In Part 1 we looked at a hermeneutic principle that is being used to argue both female ordination and homosexuality. In the Part 2 we investigated the kindred worldview between feminism (WO) and homosexuality, and their fundamental conflict with the biblical worldview. We looked at the work of John T. Pless and the writings of lesbian feminist theologian Virginia Mollenkott. In this part we will further review Mollenkott's hermeneutic, and conclude with implications for the Seventh-day Adventist Church.
Mollenkott criticizes the church: "There are so many ways that congregational ‘families’ could be more compassionate than we currently are! Do we show compassion for the struggles of those who have been so repelled by heteropatriarchal policies and language that they have been forced to organize their own witches’ covens or other alternative spirituality groups? . . . And for the sake of those previously mentioned people who either cannot or will not get legally married, couldn’t the churches offer ceremonies that would provide community support for such relationships"? (Mollenkott, p. 154).
Because Seventh-day Adventists seek to follow a Scripture-based kind of Christianity, are they guilty of forcing others to organize witch’s covens? And the church should validate immoral and illicit relationships by offering ceremonies and support of them? Many denominations have begun to conduct just such ceremonies and to legitimize same-sex relationships with “blessing” ceremonies. Groups including Quakers, American Episcopalians, the Metropolitan Community Church, the United Church of Christ, the United Church of Canada, major Lutheran bodies, and others have accepted the redefinition of marriage considering it to include “committed monogamous relationships” between persons of the same sex. Shall Adventists join in?
How are 1900 years of Christian biblical understanding and practice turned upside-down?
"Responsible morality requires that we learn to think in terms of degrees and situations rather than remaining at the comfortable level of sweeping moral absolutes" (Mollenkott, p. 156, context homosexual “unions” and abortion).
In other words, when a biblical standard for morality is abandoned, a replacement must be found. That standard is found in the exercise of human decision-making. Supposedly, an application of rationality or of feeling can be applied and the result can be a responsible morality.

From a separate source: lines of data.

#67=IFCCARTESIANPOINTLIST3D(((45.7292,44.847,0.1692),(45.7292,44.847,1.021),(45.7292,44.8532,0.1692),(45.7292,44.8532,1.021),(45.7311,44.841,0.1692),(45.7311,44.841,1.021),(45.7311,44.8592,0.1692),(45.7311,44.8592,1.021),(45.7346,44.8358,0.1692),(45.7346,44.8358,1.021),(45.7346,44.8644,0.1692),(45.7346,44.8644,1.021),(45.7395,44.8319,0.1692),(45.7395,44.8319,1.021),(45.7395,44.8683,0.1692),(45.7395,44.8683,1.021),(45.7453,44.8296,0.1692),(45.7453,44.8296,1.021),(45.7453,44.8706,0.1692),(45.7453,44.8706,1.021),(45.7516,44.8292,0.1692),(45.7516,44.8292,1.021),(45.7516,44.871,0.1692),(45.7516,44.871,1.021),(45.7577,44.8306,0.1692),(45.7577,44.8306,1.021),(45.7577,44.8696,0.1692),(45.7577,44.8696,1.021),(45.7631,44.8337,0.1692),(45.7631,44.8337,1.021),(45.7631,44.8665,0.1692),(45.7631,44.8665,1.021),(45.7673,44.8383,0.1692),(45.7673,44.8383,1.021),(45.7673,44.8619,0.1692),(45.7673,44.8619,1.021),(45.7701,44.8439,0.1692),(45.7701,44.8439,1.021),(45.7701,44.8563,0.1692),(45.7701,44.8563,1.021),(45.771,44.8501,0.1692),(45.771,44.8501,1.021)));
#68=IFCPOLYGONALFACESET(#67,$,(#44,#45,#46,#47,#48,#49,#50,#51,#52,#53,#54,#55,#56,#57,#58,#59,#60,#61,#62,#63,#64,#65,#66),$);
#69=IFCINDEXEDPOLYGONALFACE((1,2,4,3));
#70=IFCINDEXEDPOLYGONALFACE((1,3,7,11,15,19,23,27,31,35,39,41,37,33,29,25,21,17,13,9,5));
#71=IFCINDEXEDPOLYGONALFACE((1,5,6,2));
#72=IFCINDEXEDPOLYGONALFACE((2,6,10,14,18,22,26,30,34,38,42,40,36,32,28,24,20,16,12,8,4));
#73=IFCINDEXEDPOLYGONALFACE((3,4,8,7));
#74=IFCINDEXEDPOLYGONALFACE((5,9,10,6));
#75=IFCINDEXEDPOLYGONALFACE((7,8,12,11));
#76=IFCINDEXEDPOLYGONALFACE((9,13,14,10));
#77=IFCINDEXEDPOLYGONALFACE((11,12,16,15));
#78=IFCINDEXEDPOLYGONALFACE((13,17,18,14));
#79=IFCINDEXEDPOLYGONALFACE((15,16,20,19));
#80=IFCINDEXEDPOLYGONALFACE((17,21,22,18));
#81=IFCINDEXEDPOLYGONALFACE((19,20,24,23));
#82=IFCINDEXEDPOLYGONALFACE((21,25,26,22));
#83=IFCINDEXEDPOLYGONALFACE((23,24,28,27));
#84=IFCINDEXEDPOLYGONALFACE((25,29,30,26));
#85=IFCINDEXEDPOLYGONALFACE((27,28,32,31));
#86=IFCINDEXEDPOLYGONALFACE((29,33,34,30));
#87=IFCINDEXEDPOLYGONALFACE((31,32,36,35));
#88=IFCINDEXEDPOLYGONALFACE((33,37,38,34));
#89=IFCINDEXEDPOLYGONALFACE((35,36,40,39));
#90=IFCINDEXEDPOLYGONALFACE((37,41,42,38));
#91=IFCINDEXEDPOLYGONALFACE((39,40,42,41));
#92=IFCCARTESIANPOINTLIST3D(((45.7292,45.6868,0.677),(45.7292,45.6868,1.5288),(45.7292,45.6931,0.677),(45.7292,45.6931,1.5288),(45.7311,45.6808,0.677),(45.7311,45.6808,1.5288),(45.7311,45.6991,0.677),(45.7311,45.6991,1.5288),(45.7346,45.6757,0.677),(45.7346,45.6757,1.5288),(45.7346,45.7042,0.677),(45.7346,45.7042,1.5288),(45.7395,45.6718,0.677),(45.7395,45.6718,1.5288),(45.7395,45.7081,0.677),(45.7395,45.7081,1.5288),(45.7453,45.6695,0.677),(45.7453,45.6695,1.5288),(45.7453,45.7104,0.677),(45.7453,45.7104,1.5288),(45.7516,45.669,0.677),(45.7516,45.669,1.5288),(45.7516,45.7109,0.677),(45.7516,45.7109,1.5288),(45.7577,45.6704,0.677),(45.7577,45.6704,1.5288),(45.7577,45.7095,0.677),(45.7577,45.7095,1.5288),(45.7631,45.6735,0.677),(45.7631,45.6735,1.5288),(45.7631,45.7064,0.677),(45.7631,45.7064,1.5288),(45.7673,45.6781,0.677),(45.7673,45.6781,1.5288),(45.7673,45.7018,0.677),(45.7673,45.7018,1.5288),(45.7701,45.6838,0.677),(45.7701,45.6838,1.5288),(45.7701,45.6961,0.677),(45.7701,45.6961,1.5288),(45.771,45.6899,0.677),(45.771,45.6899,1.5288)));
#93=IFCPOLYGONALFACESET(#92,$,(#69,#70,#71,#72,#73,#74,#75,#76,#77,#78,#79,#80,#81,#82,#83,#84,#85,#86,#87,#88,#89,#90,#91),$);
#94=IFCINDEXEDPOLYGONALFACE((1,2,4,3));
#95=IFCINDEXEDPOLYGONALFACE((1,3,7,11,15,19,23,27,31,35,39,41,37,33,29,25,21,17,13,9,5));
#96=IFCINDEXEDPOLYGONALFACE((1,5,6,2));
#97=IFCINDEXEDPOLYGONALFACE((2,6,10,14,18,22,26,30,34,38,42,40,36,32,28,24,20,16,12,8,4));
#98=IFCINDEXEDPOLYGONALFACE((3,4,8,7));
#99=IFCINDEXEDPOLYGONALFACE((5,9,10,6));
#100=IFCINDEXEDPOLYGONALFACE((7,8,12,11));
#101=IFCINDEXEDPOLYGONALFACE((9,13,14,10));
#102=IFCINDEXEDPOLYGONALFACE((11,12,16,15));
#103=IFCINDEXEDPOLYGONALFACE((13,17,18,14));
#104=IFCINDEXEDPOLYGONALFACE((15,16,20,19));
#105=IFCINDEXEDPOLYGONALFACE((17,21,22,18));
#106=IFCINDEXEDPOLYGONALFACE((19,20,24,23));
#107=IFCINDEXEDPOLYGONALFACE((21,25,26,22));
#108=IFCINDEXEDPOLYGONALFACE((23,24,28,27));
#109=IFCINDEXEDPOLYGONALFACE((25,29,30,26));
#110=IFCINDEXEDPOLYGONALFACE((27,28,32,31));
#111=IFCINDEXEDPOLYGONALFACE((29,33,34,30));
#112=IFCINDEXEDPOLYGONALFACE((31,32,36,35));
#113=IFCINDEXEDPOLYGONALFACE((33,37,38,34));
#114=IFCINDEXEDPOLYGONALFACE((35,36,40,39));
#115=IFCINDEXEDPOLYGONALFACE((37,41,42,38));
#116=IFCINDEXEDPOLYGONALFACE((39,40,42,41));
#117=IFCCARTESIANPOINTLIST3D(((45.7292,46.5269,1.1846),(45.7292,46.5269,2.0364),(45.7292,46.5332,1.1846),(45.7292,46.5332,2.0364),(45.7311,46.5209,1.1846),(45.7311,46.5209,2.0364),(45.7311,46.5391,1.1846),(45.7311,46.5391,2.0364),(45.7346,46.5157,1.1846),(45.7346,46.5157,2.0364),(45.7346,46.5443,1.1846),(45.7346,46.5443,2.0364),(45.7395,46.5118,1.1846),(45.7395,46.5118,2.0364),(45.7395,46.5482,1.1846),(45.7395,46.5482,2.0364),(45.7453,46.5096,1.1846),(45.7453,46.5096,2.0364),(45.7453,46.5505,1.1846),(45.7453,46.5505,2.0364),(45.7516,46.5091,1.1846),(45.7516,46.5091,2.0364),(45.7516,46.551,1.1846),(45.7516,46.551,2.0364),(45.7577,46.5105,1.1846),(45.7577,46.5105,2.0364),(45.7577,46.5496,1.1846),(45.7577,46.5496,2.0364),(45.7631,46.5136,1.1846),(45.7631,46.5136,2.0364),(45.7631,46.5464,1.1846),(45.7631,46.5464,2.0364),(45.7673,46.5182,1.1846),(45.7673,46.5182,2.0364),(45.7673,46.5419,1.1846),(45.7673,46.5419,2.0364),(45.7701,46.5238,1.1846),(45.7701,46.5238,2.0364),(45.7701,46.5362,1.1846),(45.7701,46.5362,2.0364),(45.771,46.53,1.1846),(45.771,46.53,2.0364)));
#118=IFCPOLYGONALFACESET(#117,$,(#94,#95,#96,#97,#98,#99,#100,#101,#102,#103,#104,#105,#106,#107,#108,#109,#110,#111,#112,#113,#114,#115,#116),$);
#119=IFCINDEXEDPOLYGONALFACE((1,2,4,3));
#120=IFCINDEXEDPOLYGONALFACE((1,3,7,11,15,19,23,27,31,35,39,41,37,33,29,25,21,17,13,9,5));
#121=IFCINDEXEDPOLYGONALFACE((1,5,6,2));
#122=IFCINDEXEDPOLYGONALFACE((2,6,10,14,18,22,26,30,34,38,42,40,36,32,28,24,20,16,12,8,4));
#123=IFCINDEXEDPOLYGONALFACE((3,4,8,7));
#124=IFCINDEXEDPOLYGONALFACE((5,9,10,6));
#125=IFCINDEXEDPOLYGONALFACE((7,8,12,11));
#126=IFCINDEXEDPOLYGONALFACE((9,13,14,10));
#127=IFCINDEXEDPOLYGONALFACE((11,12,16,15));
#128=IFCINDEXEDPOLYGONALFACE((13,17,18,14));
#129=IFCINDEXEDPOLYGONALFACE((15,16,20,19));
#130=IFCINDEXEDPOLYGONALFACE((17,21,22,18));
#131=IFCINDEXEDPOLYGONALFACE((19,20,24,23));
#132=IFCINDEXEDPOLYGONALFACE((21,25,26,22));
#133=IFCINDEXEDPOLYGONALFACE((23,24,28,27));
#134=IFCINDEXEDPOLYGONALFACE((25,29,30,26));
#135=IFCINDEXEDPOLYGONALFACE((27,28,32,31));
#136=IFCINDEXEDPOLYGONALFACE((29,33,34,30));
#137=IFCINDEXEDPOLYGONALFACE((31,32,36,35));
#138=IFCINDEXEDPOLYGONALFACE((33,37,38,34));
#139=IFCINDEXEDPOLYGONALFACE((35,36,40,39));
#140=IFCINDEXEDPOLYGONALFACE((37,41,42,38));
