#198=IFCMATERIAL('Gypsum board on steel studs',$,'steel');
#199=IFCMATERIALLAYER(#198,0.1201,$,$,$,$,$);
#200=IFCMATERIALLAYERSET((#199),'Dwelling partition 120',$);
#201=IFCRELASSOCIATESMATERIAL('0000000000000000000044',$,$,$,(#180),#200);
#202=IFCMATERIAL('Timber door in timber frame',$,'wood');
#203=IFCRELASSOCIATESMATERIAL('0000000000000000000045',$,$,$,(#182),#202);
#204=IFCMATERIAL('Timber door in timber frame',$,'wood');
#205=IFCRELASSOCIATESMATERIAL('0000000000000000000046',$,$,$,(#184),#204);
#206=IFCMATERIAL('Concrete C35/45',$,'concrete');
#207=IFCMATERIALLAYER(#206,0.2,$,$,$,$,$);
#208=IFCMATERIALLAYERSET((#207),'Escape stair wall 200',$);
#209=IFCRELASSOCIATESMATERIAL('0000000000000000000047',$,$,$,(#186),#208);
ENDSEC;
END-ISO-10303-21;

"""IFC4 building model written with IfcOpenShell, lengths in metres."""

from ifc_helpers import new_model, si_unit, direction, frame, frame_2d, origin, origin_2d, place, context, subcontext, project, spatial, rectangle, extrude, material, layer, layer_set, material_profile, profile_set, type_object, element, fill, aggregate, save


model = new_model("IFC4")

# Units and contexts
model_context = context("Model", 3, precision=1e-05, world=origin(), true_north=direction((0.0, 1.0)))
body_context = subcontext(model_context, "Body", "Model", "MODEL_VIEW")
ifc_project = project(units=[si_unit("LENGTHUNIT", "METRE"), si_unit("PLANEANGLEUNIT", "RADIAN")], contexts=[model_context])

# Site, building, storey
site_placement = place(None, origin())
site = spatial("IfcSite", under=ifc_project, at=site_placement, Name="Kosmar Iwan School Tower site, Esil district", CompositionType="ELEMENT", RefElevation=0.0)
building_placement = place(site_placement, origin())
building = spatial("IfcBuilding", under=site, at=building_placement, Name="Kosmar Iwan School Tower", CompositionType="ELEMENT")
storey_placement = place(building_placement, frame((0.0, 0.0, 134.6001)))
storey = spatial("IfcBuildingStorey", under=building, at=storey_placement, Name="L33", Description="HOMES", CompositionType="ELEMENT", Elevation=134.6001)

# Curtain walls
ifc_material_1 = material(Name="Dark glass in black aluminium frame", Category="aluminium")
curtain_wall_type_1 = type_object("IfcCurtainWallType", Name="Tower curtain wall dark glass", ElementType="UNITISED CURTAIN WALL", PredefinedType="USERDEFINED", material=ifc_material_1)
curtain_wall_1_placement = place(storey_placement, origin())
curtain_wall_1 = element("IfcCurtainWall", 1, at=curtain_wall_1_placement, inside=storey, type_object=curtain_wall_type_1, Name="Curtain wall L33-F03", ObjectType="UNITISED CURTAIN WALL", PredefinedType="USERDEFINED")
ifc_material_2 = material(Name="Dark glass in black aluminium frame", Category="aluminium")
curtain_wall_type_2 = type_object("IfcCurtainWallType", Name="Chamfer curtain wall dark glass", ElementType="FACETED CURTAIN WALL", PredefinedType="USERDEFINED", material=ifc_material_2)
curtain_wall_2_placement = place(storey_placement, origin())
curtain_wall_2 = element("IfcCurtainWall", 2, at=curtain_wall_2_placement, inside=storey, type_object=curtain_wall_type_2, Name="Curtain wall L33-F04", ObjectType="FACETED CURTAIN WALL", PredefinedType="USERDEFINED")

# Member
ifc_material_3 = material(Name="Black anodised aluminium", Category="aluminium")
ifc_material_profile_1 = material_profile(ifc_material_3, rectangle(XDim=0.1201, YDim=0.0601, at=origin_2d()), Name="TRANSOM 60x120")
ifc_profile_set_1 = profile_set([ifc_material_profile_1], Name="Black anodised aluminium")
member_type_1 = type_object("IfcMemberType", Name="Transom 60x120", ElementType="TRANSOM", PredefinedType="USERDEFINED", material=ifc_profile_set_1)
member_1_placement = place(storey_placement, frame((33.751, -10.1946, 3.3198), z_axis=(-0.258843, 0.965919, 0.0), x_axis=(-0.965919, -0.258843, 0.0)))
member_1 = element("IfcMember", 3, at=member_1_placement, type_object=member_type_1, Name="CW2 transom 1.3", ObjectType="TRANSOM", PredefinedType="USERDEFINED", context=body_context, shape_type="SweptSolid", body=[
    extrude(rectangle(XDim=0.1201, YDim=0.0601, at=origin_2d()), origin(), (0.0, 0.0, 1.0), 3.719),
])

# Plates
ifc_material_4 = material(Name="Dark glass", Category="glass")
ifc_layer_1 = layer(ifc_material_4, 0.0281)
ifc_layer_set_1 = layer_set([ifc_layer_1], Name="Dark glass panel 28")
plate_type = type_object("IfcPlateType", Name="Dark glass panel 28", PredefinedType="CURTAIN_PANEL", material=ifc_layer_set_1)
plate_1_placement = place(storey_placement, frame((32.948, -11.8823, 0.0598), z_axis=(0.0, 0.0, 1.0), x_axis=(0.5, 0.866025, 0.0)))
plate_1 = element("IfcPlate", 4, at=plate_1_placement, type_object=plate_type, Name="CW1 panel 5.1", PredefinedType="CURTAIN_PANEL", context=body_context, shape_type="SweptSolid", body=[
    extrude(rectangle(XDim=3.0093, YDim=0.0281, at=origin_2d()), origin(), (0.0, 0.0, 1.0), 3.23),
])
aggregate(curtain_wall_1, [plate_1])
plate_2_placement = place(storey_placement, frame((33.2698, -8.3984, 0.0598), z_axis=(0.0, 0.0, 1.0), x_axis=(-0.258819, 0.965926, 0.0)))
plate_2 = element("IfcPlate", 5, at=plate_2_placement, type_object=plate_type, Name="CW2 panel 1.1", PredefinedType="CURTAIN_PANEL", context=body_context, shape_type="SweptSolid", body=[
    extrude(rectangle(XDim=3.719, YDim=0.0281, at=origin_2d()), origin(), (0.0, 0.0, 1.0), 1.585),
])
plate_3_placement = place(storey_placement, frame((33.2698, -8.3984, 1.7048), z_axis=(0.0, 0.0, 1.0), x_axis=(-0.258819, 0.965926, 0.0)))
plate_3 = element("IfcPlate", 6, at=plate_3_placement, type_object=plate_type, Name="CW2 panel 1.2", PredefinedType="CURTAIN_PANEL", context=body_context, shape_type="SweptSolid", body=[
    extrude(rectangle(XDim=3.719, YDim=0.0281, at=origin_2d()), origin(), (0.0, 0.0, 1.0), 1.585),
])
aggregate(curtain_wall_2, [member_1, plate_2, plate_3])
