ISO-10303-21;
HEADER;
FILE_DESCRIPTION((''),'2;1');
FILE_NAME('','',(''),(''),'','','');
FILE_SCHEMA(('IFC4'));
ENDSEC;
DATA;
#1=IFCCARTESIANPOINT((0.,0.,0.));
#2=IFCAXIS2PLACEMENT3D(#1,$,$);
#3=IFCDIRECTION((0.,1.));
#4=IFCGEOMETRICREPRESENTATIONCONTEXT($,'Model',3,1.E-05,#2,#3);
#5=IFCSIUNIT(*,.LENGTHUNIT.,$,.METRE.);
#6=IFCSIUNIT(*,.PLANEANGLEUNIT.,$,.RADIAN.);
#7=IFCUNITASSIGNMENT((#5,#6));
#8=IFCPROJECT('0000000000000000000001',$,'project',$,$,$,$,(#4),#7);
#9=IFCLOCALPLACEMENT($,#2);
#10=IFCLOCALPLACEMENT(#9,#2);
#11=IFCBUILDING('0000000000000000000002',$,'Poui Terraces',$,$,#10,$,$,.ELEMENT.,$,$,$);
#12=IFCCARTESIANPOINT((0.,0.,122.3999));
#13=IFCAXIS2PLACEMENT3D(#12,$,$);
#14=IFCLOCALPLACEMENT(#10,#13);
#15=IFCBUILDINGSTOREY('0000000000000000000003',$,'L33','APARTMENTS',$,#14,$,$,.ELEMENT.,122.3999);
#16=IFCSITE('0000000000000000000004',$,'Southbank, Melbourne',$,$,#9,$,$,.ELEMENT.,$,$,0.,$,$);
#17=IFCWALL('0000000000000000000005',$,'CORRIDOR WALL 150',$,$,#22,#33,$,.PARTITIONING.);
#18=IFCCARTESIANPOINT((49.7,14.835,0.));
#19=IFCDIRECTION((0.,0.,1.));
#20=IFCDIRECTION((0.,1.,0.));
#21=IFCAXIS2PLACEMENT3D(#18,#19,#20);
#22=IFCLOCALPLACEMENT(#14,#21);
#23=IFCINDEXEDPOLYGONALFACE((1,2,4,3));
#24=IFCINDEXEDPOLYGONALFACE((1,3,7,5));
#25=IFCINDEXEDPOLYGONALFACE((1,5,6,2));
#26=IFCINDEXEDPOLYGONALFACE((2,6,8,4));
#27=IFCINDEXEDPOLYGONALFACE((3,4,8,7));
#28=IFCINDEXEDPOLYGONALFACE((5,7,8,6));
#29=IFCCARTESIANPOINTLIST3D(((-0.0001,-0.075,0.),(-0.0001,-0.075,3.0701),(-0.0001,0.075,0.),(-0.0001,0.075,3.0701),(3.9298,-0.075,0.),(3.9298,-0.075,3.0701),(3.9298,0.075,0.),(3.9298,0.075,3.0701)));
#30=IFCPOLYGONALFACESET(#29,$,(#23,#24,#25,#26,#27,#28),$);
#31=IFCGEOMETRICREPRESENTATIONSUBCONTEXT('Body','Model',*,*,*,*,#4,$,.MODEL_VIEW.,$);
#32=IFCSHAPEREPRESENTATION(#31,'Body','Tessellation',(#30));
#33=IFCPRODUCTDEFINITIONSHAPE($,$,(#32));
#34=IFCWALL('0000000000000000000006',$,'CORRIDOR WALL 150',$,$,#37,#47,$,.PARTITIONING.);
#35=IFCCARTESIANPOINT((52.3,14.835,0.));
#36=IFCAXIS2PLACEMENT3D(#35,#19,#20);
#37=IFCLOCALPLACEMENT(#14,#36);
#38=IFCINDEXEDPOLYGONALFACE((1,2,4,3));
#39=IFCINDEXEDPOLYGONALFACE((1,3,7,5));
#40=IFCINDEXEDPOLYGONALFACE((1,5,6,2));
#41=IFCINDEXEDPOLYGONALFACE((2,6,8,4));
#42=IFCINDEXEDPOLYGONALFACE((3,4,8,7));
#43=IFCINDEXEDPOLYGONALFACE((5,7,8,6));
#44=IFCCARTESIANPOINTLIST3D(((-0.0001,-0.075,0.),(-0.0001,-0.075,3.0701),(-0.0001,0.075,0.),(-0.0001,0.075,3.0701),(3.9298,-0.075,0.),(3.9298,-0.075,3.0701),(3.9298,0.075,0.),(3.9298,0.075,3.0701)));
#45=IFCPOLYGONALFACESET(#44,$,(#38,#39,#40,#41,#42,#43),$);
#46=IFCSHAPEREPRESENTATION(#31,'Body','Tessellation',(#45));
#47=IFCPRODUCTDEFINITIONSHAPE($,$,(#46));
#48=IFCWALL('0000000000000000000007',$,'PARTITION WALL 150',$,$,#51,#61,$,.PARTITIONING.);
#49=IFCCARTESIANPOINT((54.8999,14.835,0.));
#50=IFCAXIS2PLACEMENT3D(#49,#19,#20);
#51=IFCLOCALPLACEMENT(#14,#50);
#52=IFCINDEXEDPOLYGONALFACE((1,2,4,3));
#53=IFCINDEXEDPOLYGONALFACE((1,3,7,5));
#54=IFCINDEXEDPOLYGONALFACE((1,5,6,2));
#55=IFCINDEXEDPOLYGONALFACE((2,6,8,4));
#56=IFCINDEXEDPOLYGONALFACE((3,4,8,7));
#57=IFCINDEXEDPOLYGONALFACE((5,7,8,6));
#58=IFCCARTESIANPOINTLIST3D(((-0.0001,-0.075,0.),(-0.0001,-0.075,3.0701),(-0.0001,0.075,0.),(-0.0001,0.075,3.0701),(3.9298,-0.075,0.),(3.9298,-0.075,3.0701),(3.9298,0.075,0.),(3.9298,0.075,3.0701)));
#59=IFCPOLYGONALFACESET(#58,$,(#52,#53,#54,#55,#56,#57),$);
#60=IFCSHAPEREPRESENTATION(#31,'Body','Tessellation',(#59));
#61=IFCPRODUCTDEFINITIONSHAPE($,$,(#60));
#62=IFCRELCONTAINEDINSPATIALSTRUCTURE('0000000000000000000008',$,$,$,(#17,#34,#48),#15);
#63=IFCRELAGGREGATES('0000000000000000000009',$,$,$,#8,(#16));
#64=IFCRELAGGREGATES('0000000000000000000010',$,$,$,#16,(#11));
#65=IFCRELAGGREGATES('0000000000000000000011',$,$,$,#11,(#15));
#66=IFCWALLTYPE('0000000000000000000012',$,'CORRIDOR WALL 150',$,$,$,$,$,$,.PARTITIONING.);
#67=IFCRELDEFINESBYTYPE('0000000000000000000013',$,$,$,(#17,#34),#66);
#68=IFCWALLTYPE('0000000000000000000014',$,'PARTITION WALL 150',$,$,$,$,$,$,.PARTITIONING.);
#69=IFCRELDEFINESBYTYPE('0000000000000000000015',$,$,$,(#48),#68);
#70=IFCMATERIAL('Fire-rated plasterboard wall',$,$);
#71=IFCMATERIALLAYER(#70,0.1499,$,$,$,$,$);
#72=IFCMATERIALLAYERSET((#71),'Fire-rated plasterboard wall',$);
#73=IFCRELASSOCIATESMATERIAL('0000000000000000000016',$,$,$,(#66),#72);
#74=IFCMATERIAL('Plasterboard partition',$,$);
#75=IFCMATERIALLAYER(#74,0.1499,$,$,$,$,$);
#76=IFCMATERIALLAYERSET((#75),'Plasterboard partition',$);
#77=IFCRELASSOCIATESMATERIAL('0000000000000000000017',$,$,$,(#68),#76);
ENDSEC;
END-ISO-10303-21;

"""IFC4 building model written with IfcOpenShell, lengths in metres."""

from ifc_helpers import new_model, si_unit, direction, frame, frame_2d, origin, place, context, subcontext, project, spatial, rectangle, extrude, material, layer, layer_set, type_object, element, save


model = new_model("IFC4")

# Units and contexts
model_context = context("Model", 3, precision=1e-05, world=origin(), true_north=direction((0.0, 1.0)))
body_context = subcontext(model_context, "Body", "Model", "MODEL_VIEW")
ifc_project = project(units=[si_unit("LENGTHUNIT", "METRE"), si_unit("PLANEANGLEUNIT", "RADIAN")], contexts=[model_context])

# Site, building, storey
site_placement = place(None, origin())
site = spatial("IfcSite", under=ifc_project, at=site_placement, Name="Southbank, Melbourne", CompositionType="ELEMENT", RefElevation=0.0)
building_placement = place(site_placement, origin())
building = spatial("IfcBuilding", under=site, at=building_placement, Name="Poui Terraces", CompositionType="ELEMENT")
storey_placement = place(building_placement, frame((0.0, 0.0, 122.3999)))
storey = spatial("IfcBuildingStorey", under=building, at=storey_placement, Name="L33", Description="APARTMENTS", CompositionType="ELEMENT", Elevation=122.3999)

# Walls
ifc_material_1 = material(Name="Fire-rated plasterboard wall")
ifc_layer_1 = layer(ifc_material_1, 0.1499)
ifc_layer_set_1 = layer_set([ifc_layer_1], Name="Fire-rated plasterboard wall")
wall_type_1 = type_object("IfcWallType", Name="CORRIDOR WALL 150", PredefinedType="PARTITIONING", material=ifc_layer_set_1)
for number, where, z_axis, x_axis, name in (
    (1, (49.7, 14.835, 0.0), (0.0, 0.0, 1.0), (0.0, 1.0, 0.0), "CORRIDOR WALL 150"),
    (2, (52.3, 14.835, 0.0), (0.0, 0.0, 1.0), (0.0, 1.0, 0.0), "CORRIDOR WALL 150"),
):
    element("IfcWall", number, at=place(storey_placement, frame(where, z_axis=z_axis, x_axis=x_axis)), inside=storey, type_object=wall_type_1, Name=name, PredefinedType="PARTITIONING", context=body_context, shape_type="SweptSolid", body=[
        extrude(rectangle(XDim=3.9299, YDim=0.1499, at=frame_2d((1.9648, 0.0))), origin(), (0.0, 0.0, 1.0), 3.0701),
    ])

# Shared definitions
ifc_material_2 = material(Name="Plasterboard partition")

# Wall
ifc_layer_2 = layer(ifc_material_2, 0.1499)
ifc_layer_set_2 = layer_set([ifc_layer_2], Name="Plasterboard partition")
wall_type_2 = type_object("IfcWallType", Name="PARTITION WALL 150", PredefinedType="PARTITIONING", material=ifc_layer_set_2)
wall_1_placement = place(storey_placement, frame((54.8999, 14.835, 0.0), z_axis=(0.0, 0.0, 1.0), x_axis=(0.0, 1.0, 0.0)))
element("IfcWall", 3, at=wall_1_placement, inside=storey, type_object=wall_type_2, Name="PARTITION WALL 150", PredefinedType="PARTITIONING", context=body_context, shape_type="SweptSolid", body=[
    extrude(rectangle(XDim=3.9299, YDim=0.1499, at=frame_2d((1.9648, 0.0))), origin(), (0.0, 0.0, 1.0), 3.0701),
])

save(model, "model.ifc")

Good luck with that.
Both of the Feminist theologians from whom we quoted at length (Rosemary Radford Ruether, p. 233; Elizabeth Shussler-Fiorenza, p. 349) wrote in favor of lesbianism in those volumes.
Does Mollenkott believe that in the power of God the Christian can have any kind of ultimate victory over sexual desire?
"Hundreds of thousands of trans-les-bi-gay Christians have tried to sacrifice their sexuality to their spirituality, myself among them; but if we live long enough, the will to live more fully will assert itself, and sexual passion will triumph over abstract doctrines and promises" (Mollenkott, p. 108).
She does not. Her basis for this belief is her own experience. The reader will recall, having read the previous article, that in Feminist Theology, the final authority has been moved away from being God and Scripture, to being woman and her experience. Eventually it must be asked what—and who—is the problem? Mollenkott answers: "The behavior of the heterosexual and gender-normative majority is the problem, particularly their refusal to educate themselves concerning human sexual orientations and gender identities" (Ibid., p. 219).
There we have it. Heterosexual Christians, are the problem! Mollenkott holds that everyone has a right to benevolent self-definition and self-expression (p. 86), that sex and gender are only social constructs, arbitrary, varying from society to society (p. 87). She favors friendly, casual sexual encounters (p. 110, 111). She demands her “religious human rights”: "What we need is not theological approval so much as equal access to ordination, marriage, ritual, and so forth—in other words, our religious human rights" (p. 212, emphasis in original).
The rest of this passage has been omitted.